There is no generalizing too much! That is plain radio fact. Play songs that everyone "loves" to "can still stand will listen to".

I myself have a huge music taste, but no radio station will make me or many other people happy. I mostly buy, trade, borrow or get CDs from the library.

Now, being in Dallas, you must have some great country stations. In Minneapolis, it is hard to find a non-GarthFaithTimShania crap station.


----------



## JML (Aug 11, 2003)

http://powerpod.com/

Don't know if this has anything to do with the above cease and desist, but this thing looks very much like an iMac.
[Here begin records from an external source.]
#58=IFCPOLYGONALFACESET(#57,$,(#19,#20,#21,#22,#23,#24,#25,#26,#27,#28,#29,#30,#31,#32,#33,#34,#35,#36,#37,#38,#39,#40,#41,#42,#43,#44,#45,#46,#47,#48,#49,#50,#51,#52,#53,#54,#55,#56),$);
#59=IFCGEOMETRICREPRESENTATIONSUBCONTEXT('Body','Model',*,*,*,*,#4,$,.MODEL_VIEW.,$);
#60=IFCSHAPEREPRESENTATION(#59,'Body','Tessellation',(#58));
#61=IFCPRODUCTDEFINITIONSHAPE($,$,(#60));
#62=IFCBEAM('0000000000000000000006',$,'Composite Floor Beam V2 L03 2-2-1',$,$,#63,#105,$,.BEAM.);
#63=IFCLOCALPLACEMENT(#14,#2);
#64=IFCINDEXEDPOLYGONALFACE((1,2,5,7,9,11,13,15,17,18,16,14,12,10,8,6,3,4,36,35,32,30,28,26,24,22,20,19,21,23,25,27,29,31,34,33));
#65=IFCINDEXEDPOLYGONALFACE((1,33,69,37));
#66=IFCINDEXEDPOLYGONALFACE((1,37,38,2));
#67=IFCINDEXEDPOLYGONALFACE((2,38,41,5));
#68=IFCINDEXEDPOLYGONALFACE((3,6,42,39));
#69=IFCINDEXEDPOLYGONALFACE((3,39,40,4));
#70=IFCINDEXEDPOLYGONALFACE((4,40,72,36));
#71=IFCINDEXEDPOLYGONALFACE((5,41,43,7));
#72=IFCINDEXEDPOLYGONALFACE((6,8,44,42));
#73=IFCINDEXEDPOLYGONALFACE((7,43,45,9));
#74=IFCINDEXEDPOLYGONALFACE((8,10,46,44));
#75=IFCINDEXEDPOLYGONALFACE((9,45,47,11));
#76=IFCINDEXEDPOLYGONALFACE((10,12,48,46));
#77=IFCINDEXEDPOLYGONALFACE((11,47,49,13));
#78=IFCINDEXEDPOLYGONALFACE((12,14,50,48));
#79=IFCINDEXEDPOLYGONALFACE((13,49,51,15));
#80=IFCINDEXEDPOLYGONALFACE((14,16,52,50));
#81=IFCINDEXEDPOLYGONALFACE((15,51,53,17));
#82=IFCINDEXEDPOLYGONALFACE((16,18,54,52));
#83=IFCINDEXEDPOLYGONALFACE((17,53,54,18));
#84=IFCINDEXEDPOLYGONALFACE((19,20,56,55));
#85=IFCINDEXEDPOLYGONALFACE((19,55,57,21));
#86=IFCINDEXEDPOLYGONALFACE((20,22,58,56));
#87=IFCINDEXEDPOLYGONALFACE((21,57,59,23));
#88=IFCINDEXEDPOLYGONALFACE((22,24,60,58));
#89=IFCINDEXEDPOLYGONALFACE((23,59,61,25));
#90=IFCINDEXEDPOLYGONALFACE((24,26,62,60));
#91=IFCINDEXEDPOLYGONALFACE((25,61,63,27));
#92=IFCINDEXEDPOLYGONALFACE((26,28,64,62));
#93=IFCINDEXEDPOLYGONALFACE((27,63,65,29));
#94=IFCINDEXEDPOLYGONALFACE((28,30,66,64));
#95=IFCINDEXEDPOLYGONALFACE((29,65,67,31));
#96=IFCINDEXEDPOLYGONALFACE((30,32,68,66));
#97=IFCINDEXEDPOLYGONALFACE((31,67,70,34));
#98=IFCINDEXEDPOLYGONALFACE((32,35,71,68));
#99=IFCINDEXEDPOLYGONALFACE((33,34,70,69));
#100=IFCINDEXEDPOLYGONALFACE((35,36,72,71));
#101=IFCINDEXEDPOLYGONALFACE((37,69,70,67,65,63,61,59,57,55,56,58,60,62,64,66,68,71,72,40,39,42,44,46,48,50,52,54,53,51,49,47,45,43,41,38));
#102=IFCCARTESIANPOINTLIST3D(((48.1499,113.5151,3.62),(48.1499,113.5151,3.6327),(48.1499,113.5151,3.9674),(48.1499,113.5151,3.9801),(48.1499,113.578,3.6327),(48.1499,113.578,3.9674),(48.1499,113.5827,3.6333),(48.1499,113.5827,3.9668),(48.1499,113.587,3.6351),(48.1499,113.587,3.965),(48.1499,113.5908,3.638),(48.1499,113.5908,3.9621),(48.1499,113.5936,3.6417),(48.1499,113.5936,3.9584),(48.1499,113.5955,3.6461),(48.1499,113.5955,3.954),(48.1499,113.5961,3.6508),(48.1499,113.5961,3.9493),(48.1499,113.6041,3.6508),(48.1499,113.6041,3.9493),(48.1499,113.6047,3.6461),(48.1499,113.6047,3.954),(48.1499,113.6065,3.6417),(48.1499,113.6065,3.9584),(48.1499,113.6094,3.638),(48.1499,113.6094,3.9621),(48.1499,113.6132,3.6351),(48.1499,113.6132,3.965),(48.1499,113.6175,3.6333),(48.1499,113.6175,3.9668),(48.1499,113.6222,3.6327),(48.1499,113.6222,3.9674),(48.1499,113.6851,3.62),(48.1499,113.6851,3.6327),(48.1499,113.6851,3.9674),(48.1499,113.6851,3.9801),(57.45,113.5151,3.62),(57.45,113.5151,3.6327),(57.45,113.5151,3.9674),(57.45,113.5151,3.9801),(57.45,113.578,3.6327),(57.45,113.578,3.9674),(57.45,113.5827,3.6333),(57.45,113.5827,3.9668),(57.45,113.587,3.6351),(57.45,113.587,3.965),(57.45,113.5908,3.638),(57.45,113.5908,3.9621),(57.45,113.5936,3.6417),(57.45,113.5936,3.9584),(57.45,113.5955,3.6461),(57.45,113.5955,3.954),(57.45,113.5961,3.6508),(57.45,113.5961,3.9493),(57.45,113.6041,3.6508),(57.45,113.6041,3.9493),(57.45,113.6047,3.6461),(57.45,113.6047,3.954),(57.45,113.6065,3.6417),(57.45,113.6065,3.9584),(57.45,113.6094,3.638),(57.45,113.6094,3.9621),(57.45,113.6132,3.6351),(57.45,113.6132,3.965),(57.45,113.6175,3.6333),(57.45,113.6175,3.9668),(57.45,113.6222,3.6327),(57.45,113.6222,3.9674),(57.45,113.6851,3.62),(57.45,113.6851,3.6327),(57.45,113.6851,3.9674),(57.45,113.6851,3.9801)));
Probably just a coincidence, but an interesting one.


----------



## dave17lax (Aug 11, 2003)

Somebody tell him


----------



## JML (Aug 11, 2003)

> _Originally posted by dave17lax _
> *Somebody tell him *



OK, I missed a few replies. My bad.


----------



## aaike (Aug 11, 2003)

Well the powerpod looks cool... I have always been fascinated by solar power things! I wonder if there is any solar panal out there that I can just attach on the back of my powerbook (for when I am working in Tanzania ;-) ...

As for the radio... I would certainly listen to the radio if it was on my iPod... would love that! We have some good radio stations back here, the news is good and some programs are really big fun (e.g. Discobar Galaxy at studio brussels ( www.stubru.be ).


----------



## Arden (Aug 11, 2003)

Banjo Boy, the iPod never will be more than a glorified music player.  A Powerpod device could have potential for that.


----------



## TommyWillB (Aug 11, 2003)

> _Originally posted by Go3iverson _
> *Digital out on the iPod would be cool... *


If they did that then they also need to have the ability to play uncompressed AIFF's...

...but neither of those things are going to happen due to piracy issues. 

That's why they want you to love AAC's instead of MP3's or AIFF's?


I have the same rant about TiVo's Home Media Option...


----------



## TommyWillB (Aug 11, 2003)

Never mind!!!

It does play AIFF's... So it's just TiVo I'm mad at...


----------



## banjo_boy (Aug 12, 2003)

> _Originally posted by arden _
> *Banjo Boy, the iPod never will be more than a glorified music player.  A Powerpod device could have potential for that. *



Potential for what?

I agree, the iPod will never be anything more than an music player. I see a PowerPod to be a music device and more. Why not? This is all speculation anyway! However I do think there is a market for a suped-up iPod.


----------



## dave17lax (Aug 12, 2003)

The thing i like about the ipod is its size. If you go adding too much stuff, it would get too overgrown and bloated. I guess it would really become a totally different product.


----------



## banjo_boy (Aug 12, 2003)

> _Originally posted by dave17lax _
> *The thing i like about the ipod is its size. If you go adding too much stuff, it would get too overgrown and bloated. I guess it would really become a totally different product. *



I am not an "advocate" for a PowerPod but I would not want to stifle the idea.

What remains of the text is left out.